Comprising approximately 145 works by 25 artists and spanning two generations of Gutai artists, Gutai: Spendid Playground is organized into six chronological and thematic sections presented along the Guggenheim ramps:

Play: An Uninhibited Act
Concept: Can a Piece of Cloth Be a Work of Art?
Network: To Introduce Our Works to the World
The Concrete: The Scream of Matter Itself
Performance Painting: Pictures with Time and Space
Environment: Gutai Art for the Space Age

The exhibition also includes documentary films of the group’s historic outdoor exhibitions and stage events and offers a focus on their eponymous journal as a platform for international artistic exchange. A centerpiece of Gutai: Splendid Playground is a site-specific commission of Work (Water) (1956/2011) by the late Motonaga Sadamasa. Prior to his death in 2011, Motonaga reimagined his iconic early Gutai outdoor installation, made of plastic tubes filled with colored water, for the Guggenheim rotunda.

Gutai: Splendid Playground is co-curated by Ming Tiampo, Associate Professor of Art History, Carleton University, Ottawa, and Alexandra Munroe, Samsung Senior Curator of Asian Art, Solomon R. Guggenheim Museum. Assistance was provided by Asian Art Curatorial Fellow Lyn Hsieh.

Gutai: Splendid Playground is supported in part by the Henry Luce Foundation.

Additional funding is provided by the National Endowment for the Arts, The Japan Foundation, the E. Rhodes and Leona B. Carpenter Foundation, Mitsubishi Corporation (Americas), the W.L.S. Spencer Foundation, Tokio Marine Holdings, the United States–Japan Foundation, and the Dedalus Foundation, Inc.

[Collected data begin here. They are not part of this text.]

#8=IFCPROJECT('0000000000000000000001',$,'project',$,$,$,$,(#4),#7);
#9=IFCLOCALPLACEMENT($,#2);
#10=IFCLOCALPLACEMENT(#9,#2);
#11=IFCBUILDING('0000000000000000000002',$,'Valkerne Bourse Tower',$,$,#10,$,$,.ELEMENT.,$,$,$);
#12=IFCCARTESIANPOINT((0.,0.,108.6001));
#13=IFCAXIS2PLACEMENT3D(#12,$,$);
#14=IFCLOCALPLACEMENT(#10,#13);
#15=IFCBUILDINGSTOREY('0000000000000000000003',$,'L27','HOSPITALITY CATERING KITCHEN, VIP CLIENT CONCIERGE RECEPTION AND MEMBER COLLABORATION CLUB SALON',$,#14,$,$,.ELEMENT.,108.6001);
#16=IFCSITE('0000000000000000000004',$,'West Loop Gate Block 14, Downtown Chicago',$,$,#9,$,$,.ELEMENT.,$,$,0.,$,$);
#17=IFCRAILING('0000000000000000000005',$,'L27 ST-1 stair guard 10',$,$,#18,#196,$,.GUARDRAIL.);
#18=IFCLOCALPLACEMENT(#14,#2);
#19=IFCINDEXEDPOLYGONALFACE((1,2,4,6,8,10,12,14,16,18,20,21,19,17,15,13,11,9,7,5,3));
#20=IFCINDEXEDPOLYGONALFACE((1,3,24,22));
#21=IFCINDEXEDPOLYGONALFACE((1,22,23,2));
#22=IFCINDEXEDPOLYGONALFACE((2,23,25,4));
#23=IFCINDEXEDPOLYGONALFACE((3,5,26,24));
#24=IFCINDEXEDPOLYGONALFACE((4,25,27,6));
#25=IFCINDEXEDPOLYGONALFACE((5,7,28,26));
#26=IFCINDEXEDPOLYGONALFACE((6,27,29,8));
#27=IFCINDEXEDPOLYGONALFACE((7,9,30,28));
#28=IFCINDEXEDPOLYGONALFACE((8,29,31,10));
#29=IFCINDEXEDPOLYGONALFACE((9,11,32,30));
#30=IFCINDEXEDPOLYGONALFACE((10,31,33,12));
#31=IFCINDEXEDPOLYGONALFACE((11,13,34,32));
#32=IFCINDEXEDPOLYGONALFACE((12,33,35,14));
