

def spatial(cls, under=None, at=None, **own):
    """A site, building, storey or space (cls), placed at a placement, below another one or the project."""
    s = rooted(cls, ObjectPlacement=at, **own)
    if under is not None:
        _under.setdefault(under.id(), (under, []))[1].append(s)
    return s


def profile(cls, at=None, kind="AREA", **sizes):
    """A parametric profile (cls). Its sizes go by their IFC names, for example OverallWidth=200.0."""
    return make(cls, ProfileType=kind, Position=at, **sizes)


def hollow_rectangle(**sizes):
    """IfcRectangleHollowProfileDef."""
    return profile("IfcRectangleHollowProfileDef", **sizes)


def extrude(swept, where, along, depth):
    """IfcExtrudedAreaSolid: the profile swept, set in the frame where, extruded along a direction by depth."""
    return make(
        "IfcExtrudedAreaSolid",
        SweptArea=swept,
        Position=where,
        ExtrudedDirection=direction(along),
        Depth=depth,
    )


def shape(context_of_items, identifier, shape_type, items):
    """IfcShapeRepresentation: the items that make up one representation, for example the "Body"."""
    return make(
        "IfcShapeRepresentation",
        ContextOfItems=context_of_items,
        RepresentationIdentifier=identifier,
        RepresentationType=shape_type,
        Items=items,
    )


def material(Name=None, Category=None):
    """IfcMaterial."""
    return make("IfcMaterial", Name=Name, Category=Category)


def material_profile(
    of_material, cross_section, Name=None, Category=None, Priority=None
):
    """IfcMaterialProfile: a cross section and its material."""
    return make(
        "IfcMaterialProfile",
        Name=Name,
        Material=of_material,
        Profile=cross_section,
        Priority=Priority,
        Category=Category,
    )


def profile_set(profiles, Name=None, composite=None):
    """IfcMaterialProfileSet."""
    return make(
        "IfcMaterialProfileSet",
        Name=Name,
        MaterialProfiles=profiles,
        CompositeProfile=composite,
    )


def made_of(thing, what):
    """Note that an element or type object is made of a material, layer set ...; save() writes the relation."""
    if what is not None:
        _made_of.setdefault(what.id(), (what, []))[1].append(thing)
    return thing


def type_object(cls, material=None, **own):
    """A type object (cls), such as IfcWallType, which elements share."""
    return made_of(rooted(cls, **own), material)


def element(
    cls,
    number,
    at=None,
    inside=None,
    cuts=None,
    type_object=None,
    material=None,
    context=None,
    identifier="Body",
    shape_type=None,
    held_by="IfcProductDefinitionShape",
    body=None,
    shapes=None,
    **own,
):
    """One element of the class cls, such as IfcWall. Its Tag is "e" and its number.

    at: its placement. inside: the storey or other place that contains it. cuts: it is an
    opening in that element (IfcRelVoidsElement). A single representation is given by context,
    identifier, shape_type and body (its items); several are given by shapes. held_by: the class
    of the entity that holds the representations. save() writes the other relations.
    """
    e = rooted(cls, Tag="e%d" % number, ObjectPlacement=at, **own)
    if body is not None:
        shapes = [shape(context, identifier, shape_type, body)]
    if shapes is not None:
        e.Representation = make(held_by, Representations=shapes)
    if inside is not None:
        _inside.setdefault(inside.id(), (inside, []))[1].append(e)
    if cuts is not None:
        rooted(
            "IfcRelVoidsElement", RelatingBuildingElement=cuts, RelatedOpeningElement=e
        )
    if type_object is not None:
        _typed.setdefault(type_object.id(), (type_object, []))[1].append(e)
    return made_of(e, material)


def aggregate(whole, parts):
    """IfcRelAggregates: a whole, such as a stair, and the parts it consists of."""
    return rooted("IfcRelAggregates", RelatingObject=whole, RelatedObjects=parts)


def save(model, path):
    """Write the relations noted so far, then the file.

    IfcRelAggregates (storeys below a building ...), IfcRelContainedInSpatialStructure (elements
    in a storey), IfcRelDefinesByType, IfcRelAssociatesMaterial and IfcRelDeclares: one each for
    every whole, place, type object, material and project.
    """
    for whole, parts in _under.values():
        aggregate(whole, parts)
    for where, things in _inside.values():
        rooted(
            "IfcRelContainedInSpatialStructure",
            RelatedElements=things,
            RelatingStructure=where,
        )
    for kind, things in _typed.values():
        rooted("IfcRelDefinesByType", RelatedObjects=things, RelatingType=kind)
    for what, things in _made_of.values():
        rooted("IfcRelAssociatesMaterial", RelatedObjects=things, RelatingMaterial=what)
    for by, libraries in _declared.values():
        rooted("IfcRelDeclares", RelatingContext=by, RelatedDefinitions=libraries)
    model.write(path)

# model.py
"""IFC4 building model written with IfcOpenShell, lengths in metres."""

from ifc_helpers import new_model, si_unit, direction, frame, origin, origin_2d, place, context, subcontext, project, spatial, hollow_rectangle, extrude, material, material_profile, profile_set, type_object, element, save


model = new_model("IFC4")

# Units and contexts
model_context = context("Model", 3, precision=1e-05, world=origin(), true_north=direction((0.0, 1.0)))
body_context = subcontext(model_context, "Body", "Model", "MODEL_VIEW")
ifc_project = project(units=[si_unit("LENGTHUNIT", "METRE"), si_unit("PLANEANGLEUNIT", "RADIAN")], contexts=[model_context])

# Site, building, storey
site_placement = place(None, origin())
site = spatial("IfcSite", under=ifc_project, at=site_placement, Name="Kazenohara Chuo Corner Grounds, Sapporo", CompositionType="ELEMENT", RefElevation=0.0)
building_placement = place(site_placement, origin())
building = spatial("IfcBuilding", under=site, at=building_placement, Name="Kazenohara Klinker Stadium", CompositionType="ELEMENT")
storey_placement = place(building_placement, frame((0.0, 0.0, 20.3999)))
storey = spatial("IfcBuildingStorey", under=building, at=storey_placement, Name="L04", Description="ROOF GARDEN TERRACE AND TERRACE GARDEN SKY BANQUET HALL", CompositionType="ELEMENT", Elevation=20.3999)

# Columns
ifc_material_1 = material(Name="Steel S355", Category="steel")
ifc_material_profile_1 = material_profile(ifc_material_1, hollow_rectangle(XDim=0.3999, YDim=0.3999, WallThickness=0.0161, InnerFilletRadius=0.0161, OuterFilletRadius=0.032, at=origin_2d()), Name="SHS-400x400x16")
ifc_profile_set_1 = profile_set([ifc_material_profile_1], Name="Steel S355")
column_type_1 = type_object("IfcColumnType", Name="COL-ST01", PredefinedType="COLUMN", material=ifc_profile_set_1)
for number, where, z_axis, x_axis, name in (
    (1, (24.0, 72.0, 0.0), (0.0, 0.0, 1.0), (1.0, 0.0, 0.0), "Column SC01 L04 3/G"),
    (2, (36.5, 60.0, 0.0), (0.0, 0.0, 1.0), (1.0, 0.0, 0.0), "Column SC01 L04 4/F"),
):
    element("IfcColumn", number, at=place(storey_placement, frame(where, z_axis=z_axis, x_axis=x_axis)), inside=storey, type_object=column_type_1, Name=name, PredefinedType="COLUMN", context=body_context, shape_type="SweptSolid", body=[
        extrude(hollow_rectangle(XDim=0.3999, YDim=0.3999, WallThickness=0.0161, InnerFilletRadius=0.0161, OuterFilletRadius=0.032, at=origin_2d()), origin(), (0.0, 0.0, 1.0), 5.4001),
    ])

The Leadership Committee for Gutai: Splendid Playground is gratefully acknowledged for its support: Hauser & Wirth, Yoko Ono Lennon, Axel Vervoordt Gallery, Rachel and Jean-Pierre Lehmann, Cindy and Howard Rachofsky, Tina Kim and Jae Woong Chung, Marianne Boesky Gallery, Richard Roth, and those who wish to remain anonymous.

Exhibition Overview
The Gutai Art Association was founded in 1954 by the influential artist, teacher, and critic Yoshihara Jiro in the town of Ashiya, near Osaka. The group spanned two generations, totaling fifty-nine artists over its eighteen-year history. The name “Gutai” literally means “concreteness” and captures the direct engagement with materials its members were experimenting with around the time it began.

Against the backdrop of Japan’s World War II militarism and defeat, the American Occupation, and Japan’s postwar reconstruction as a democratic state, Yoshihara directed Gutai as an experimental environment for his protégés to explore the potential of their creative free will. Yoshihara’s call “Do what no one has done before!” pushed Gutai to break through borders between painting and performance, object and process, and between art, the ordinary public, and everyday life. He championed art making as an act of freedom, a gesture of individual spirit, a rite of destruction to create something new. Unbridled invention led the Gutai artists to experiment with new methods and materials: they painted with watering cans, remote-control toys, homemade cannons, and bare feet; made ephemeral site-specific works using the sky, water, sand, lightbulbs, and torn paper screens; and staged exhibitions in public parks, on the beach, and in bombed-out ruins. Gutai artists gained critical attention for their use of the body and for their experimentation with technology and nature.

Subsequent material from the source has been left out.